Arguing on constitutional grounds against the incorporation into law of the sentiment that America was a Christian nation, Wise arrived at the position that because the United States was not a Christian nation de jure, it was not, nor could it be, a Christian nation de facto. On that failure to distinguish the legal from the social reality, he based his ideas about the separation of church and state in America, ideas which became the sanctified heritage, preserved intact for a century, of Reform Jews, Conservative Jews, and even some Orthodox ones. In recent decades many of Wise's synagogal reforms have been abandoned and his theological views discarded in favor of a return to Jewish traditionalism and a restoration of the distinctively Jewish elements in prayer and ritual. By contrast, however, his ideas about church and state are now more accepted than ever, and have become as ossified and resistant to change as the most inflexible Orthodoxy.

We often think that the more traditionalist Jews are in matters of religion, the more conservative they are in politics. In European countries, the Orthodox community usually followed a policy of accommodation toward the state, avoiding open opposition. Reform Jews, whose philosophy of Jewish existence was almost always identified with liberal political philosophies, nevertheless frequently pursued a policy not of accommodation, but rather of submission, to the modern state. Modernist Jews often bought political emancipation at the price of religious emancipation, but in the end paid also with slavish patriotism. No Germans were as patriotic as the Reform Jews. Similarly, American nationalism and American patriotism flourished among Reform Jews. Thus, Wise was prepared to discard from Judaism whatever he thought inappropriate to Americanism: “Whatever custom, law, doctrine or practice can be justified before the tribunal of reason, if it collides with American sentiments, is doomed to perish; and what is left, that is American Judaism, or Judaism transformed to correspond to American sentiments, feelings and thoughts.”

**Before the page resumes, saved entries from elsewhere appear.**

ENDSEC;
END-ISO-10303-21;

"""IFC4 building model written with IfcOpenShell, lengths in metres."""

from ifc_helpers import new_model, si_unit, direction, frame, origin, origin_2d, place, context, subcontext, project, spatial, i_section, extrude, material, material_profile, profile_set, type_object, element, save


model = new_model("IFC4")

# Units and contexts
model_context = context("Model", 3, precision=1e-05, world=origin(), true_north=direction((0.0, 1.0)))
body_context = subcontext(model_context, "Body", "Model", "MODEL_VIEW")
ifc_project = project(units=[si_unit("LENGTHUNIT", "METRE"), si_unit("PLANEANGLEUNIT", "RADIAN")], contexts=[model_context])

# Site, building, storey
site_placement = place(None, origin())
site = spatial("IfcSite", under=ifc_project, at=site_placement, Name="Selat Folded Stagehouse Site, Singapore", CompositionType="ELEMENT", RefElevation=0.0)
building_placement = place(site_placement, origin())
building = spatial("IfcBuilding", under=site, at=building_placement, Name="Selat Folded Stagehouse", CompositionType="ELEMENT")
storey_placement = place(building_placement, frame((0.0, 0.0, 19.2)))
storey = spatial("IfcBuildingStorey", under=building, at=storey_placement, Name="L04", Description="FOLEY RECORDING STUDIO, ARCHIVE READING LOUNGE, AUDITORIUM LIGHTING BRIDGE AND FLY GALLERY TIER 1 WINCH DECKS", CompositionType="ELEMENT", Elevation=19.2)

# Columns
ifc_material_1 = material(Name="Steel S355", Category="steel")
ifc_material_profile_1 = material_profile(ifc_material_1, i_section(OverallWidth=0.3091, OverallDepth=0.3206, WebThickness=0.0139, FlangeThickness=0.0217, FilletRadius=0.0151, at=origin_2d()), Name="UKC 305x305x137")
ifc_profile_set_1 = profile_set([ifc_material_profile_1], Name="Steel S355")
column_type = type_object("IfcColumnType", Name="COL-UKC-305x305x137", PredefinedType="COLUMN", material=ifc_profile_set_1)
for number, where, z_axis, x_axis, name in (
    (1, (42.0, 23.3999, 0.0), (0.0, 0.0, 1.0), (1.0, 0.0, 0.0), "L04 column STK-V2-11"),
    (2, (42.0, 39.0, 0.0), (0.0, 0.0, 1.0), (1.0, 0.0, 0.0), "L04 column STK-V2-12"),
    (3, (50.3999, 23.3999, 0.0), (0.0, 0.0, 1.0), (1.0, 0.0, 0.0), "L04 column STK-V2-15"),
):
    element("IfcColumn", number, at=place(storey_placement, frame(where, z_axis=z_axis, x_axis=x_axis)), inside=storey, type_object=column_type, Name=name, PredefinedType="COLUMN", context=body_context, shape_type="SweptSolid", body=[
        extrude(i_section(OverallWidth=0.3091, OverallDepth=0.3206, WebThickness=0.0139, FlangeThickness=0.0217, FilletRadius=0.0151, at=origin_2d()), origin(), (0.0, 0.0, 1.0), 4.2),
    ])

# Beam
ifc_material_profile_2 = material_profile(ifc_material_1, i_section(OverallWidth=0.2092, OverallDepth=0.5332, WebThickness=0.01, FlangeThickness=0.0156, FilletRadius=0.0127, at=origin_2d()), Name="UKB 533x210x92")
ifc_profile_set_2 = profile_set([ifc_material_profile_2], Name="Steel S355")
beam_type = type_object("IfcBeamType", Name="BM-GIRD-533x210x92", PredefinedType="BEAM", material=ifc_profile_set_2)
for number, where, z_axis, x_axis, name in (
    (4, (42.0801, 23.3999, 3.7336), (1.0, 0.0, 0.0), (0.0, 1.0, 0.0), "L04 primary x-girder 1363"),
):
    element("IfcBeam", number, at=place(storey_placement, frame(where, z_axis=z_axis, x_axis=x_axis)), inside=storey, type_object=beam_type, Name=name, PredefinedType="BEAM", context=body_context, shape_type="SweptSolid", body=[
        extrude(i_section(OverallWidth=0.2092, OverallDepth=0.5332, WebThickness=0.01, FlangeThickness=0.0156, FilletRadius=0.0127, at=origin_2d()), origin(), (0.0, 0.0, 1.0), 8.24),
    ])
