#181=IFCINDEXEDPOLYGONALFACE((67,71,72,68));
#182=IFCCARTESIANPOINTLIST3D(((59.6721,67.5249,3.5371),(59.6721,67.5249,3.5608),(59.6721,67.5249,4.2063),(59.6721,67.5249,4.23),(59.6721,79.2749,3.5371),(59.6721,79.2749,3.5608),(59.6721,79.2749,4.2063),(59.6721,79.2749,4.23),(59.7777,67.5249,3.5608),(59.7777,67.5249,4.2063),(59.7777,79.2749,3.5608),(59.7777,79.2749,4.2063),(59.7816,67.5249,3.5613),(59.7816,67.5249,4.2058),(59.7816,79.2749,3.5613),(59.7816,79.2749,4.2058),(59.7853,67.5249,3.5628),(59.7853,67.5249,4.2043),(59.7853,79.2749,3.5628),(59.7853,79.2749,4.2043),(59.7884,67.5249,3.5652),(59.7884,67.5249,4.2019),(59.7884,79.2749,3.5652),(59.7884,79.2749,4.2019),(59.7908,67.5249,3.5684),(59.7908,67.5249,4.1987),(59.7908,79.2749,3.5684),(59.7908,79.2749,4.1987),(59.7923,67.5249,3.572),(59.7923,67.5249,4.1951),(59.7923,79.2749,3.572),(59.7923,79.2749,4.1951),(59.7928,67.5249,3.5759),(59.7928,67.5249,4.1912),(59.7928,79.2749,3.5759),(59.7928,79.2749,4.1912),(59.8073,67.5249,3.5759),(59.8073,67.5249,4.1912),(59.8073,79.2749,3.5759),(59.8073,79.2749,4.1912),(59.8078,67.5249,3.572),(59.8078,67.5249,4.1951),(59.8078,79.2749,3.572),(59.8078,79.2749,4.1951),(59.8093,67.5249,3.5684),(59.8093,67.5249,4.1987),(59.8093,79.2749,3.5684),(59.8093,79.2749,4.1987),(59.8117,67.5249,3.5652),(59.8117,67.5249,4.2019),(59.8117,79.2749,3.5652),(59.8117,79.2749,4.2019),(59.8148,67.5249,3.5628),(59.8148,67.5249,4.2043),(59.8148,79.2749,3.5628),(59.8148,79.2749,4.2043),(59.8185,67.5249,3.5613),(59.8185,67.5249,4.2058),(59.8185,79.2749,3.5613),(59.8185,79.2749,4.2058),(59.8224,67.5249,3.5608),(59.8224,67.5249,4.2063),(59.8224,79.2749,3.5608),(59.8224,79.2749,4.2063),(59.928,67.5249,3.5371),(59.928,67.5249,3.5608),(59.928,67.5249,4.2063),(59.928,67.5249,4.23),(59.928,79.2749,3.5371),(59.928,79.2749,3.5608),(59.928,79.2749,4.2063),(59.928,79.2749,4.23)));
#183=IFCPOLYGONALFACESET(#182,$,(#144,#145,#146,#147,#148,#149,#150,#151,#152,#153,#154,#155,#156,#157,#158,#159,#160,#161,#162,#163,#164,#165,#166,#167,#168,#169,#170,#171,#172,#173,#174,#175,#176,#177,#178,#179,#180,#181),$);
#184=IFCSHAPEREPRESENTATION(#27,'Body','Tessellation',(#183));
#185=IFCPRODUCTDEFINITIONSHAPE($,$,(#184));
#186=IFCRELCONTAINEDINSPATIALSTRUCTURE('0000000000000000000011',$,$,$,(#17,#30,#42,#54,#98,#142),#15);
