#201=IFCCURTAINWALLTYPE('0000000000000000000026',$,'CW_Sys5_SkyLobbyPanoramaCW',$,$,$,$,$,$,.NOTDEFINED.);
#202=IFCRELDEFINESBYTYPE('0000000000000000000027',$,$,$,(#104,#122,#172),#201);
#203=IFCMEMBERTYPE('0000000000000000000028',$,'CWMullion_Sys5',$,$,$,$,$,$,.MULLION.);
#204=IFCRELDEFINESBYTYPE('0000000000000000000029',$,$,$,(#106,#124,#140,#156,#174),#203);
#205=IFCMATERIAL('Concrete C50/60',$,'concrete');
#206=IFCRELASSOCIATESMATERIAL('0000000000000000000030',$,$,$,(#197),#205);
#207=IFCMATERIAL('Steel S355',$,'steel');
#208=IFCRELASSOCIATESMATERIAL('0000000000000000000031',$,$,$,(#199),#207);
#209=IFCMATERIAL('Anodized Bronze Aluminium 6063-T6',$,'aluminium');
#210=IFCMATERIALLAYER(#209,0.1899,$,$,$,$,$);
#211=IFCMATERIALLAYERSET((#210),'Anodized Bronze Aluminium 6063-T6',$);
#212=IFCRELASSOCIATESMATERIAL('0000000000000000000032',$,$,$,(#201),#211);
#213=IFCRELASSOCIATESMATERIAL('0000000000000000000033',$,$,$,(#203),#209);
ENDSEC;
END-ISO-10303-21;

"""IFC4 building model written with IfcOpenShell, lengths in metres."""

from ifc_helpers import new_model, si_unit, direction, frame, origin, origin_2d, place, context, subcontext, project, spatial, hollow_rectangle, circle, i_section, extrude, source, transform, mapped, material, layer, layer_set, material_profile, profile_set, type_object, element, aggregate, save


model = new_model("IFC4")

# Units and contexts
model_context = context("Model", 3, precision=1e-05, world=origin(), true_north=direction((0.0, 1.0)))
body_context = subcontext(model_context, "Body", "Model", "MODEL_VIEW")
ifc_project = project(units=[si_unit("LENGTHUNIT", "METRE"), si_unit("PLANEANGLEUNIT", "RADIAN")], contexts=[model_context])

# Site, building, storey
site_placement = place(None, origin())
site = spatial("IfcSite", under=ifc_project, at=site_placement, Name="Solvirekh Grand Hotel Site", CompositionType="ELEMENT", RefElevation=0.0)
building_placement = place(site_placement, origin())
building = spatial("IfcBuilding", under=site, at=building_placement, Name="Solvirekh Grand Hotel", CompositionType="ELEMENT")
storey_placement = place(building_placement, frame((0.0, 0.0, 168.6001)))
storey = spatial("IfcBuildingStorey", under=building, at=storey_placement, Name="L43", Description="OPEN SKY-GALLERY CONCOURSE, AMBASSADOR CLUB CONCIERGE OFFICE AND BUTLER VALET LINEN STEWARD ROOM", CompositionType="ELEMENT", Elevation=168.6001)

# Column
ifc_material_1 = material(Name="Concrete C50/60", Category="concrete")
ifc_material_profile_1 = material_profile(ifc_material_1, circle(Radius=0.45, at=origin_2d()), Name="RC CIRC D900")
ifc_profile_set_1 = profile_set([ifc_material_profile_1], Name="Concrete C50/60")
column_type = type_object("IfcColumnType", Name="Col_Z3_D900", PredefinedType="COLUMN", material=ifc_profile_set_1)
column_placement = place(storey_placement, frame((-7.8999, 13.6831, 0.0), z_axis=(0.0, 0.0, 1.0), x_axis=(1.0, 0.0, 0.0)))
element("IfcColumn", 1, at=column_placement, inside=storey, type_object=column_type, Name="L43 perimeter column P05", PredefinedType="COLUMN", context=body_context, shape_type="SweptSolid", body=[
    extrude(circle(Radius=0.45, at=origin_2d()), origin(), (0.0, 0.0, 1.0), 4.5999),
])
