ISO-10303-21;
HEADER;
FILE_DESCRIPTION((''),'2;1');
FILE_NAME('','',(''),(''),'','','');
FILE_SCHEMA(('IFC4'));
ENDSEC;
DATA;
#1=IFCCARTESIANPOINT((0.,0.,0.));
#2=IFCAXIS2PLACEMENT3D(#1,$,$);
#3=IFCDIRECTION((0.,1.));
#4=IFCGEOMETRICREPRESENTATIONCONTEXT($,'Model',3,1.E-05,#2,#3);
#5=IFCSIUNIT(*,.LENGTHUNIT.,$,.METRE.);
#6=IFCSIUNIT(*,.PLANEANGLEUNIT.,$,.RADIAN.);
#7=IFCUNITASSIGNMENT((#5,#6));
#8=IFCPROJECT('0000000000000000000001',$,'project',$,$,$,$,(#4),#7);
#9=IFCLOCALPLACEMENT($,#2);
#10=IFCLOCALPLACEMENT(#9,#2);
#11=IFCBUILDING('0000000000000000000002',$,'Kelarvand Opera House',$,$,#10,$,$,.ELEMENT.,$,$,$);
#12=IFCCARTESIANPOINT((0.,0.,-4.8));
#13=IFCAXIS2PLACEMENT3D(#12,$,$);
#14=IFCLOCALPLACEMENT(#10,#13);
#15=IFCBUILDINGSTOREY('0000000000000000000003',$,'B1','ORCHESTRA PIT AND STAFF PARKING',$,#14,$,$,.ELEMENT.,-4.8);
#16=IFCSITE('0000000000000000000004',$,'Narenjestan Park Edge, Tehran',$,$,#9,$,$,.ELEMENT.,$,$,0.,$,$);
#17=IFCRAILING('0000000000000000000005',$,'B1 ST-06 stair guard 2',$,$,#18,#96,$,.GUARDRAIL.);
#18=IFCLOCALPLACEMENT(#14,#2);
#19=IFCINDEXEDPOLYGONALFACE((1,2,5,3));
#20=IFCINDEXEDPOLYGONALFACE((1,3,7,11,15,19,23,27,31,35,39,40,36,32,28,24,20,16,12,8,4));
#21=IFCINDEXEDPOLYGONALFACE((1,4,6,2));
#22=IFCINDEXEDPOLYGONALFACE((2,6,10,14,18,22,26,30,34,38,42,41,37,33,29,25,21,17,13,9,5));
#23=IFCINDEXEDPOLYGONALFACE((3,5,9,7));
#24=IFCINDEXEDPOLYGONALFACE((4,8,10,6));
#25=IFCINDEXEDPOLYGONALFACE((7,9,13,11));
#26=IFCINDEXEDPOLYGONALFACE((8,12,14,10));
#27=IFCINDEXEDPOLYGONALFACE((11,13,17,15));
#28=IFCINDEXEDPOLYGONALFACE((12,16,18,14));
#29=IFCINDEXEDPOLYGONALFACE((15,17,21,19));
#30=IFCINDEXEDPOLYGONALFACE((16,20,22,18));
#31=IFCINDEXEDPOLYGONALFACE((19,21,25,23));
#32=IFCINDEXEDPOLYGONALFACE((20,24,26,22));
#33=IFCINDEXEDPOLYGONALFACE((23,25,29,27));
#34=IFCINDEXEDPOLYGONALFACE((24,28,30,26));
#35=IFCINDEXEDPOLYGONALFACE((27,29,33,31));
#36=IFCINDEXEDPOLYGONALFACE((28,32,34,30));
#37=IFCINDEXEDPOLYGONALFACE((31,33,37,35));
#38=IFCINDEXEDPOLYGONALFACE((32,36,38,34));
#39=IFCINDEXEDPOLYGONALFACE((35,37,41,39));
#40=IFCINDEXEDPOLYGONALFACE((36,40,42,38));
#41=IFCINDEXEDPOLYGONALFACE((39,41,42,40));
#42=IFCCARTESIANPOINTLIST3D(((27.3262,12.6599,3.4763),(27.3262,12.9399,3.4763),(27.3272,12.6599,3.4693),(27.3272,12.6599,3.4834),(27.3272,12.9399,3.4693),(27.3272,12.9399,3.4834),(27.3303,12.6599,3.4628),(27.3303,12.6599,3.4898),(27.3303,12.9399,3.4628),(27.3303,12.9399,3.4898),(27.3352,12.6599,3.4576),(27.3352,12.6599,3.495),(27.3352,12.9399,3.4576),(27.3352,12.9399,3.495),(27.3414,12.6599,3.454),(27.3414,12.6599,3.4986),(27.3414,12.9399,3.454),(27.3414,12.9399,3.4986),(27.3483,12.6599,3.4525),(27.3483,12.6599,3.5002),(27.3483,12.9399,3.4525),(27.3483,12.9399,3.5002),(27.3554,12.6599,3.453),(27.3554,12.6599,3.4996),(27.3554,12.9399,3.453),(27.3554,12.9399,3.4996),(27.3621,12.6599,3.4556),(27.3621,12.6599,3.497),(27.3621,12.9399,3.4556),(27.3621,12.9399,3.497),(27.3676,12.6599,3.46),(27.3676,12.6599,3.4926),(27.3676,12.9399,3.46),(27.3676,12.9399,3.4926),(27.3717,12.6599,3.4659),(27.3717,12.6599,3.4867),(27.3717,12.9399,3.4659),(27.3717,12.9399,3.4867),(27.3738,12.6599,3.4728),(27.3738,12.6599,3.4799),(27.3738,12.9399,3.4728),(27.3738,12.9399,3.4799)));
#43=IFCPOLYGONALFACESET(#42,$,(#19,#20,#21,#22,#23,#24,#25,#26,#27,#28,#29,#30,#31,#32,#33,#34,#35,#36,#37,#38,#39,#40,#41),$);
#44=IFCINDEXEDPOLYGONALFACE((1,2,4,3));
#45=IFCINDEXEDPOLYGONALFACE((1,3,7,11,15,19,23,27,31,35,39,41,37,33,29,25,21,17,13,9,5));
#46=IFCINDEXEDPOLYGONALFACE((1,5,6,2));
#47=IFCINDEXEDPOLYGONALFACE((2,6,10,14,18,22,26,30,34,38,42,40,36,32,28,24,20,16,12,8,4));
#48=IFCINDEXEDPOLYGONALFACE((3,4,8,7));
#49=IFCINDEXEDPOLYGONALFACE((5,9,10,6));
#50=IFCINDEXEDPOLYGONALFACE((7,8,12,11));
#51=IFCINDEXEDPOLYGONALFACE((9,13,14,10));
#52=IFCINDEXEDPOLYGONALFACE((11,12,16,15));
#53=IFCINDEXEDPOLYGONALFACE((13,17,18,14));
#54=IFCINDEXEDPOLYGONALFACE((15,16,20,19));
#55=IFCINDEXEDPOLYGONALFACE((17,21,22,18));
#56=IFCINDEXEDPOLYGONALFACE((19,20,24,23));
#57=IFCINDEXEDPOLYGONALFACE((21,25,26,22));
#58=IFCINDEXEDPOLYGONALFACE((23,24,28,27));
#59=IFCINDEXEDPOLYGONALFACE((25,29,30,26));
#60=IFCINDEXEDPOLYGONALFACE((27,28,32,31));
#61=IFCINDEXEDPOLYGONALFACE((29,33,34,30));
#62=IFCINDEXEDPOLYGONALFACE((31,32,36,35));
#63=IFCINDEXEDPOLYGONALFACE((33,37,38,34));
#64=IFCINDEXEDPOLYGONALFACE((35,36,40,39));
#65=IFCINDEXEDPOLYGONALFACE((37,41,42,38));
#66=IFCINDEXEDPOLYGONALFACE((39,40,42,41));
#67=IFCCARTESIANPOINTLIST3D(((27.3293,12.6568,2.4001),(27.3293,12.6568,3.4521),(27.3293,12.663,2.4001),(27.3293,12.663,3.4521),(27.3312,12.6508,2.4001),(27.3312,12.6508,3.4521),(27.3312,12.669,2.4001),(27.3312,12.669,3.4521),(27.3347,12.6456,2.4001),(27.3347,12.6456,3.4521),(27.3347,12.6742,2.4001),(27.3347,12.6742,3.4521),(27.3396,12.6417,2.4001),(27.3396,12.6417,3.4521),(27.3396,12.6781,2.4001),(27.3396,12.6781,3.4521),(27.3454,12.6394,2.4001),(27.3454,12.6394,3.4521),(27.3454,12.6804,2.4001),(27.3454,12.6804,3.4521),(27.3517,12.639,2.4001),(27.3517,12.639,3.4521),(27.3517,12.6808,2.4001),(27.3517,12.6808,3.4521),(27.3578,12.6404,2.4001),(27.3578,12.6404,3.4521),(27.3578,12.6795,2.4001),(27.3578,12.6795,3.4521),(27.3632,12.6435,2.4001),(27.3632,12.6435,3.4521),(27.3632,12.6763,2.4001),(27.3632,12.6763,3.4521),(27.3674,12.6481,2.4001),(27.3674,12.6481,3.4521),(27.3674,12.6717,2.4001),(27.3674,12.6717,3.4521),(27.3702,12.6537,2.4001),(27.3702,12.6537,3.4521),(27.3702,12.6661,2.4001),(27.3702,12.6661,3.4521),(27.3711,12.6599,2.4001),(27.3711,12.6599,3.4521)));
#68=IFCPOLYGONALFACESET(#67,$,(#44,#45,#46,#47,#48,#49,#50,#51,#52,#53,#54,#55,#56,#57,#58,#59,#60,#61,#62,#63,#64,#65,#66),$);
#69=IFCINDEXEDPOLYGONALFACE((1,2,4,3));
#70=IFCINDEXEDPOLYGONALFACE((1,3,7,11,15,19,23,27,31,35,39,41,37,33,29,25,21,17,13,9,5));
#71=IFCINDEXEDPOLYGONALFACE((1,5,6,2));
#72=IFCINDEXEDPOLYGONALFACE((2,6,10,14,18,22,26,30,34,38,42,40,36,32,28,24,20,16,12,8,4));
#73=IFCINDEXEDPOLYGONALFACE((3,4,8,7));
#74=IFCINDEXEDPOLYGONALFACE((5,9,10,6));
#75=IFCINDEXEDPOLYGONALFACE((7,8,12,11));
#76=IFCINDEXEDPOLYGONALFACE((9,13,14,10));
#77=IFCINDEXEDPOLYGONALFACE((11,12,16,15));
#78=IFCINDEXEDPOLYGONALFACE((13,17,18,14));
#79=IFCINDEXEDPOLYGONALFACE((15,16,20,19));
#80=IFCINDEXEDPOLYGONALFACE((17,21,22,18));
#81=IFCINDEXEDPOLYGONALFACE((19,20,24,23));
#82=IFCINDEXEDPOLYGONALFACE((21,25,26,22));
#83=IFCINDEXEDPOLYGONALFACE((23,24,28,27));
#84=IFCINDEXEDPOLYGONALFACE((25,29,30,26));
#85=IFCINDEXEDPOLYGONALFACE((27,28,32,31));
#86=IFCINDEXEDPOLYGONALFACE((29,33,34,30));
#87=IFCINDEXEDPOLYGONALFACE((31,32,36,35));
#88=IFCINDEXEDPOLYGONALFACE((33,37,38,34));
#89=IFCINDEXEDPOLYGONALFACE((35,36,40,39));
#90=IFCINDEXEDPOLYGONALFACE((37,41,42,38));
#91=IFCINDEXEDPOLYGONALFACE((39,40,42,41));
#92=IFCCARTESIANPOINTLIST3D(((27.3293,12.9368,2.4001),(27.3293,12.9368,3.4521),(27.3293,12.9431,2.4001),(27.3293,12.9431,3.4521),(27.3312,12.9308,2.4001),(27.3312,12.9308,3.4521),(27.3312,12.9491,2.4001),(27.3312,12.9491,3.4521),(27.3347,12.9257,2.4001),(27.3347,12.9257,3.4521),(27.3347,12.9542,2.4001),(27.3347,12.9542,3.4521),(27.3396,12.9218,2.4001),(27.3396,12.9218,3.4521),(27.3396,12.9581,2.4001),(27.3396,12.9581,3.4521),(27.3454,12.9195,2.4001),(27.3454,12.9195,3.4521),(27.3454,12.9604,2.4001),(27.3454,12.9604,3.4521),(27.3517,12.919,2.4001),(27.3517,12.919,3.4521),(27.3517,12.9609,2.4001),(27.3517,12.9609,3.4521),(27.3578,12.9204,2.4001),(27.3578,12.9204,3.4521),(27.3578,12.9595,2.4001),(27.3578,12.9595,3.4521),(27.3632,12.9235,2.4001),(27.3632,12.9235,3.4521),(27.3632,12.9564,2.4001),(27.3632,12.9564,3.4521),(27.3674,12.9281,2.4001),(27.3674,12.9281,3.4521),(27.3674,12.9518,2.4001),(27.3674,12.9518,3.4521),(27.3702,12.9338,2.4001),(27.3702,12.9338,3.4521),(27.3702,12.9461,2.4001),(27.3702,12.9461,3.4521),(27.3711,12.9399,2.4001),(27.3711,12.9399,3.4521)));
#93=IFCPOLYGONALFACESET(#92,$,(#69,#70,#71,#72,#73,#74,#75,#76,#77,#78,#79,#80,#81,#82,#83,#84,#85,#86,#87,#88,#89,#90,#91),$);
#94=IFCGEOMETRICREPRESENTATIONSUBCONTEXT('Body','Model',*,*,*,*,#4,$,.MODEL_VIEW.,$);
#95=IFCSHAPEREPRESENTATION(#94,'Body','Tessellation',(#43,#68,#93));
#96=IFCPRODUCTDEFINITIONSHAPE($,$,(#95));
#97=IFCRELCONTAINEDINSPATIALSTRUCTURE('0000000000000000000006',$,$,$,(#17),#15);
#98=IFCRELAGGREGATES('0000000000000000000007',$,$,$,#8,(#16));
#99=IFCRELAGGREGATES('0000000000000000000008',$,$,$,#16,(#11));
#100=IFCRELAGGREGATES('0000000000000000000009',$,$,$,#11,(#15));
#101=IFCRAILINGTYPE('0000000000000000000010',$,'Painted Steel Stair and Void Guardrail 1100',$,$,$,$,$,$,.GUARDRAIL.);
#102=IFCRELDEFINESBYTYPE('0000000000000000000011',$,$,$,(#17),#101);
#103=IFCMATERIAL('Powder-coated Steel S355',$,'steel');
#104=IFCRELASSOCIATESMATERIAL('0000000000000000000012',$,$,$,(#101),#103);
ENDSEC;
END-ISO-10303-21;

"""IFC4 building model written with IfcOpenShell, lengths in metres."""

from ifc_helpers import new_model, si_unit, direction, frame, origin, origin_2d, place, context, subcontext, project, spatial, circle, extrude, material, type_object, element, save


model = new_model("IFC4")

# Units and contexts
model_context = context("Model", 3, precision=1e-05, world=origin(), true_north=direction((0.0, 1.0)))
body_context = subcontext(model_context, "Body", "Model", "MODEL_VIEW")
ifc_project = project(units=[si_unit("LENGTHUNIT", "METRE"), si_unit("PLANEANGLEUNIT", "RADIAN")], contexts=[model_context])

# Site, building, storey
site_placement = place(None, origin())
site = spatial("IfcSite", under=ifc_project, at=site_placement, Name="Narenjestan Park Edge, Tehran", CompositionType="ELEMENT", RefElevation=0.0)
building_placement = place(site_placement, origin())
building = spatial("IfcBuilding", under=site, at=building_placement, Name="Kelarvand Opera House", CompositionType="ELEMENT")
storey_placement = place(building_placement, frame((0.0, 0.0, -4.8)))
storey = spatial("IfcBuildingStorey", under=building, at=storey_placement, Name="B1", Description="ORCHESTRA PIT AND STAFF PARKING", CompositionType="ELEMENT", Elevation=-4.8)

# Railing
ifc_material_1 = material(Name="Powder-coated Steel S355", Category="steel")
railing_type_1 = type_object("IfcRailingType", Name="Painted Steel Stair and Void Guardrail 1100", PredefinedType="GUARDRAIL", material=ifc_material_1)
railing_1_placement = place(storey_placement, frame((27.3501, 12.6599, 2.4001)))
element("IfcRailing", 1, at=railing_1_placement, inside=storey, type_object=railing_type_1, Name="B1 ST-06 stair guard 2", PredefinedType="GUARDRAIL", context=body_context, shape_type="SweptSolid", body=[
    extrude(circle(Radius=0.0239, at=origin_2d()), frame((0.0, 0.0, 1.0762), z_axis=(0.0, 1.0, 0.0), x_axis=(-1.0, 0.0, 0.0)), (0.0, 0.0, 1.0), 0.28),
    extrude(circle(Radius=0.021, at=origin_2d()), origin(), (0.0, 0.0, 1.0), 1.052),
    extrude(circle(Radius=0.021, at=origin_2d()), frame((0.0, 0.28, 0.0)), (0.0, 0.0, 1.0), 1.052),
])

save(model, "model.ifc")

This passion to assimilate Judaism into Americanism provides yet another instance of the conformity of Wise's sentiments to the prevailing Protestant trend. It was during Wise's lifetime that the Protestant denominations added the finishing touches to a Christianity whose God was manifestly directing America's destiny, and who had set a providential course for America.

Among Jews, the effect of this Americanization of Judaism was to reinforce assimilatory trends and to provincialize Jewish religious culture. Here, then, was yet another way in which American Reform Judaism came to resemble American Protestantism, sharing its optimism and its identification of America as the chosen land.

1 The Union of American Hebrew Congregations, 819 pp., $10.00.

2 The Americanization of Isaac Mayer Wise, Cincinnati, 1931, 23 pp.

3 See John J. Appel, “The Trefa Banquet,” COMMENTARY, February 1966.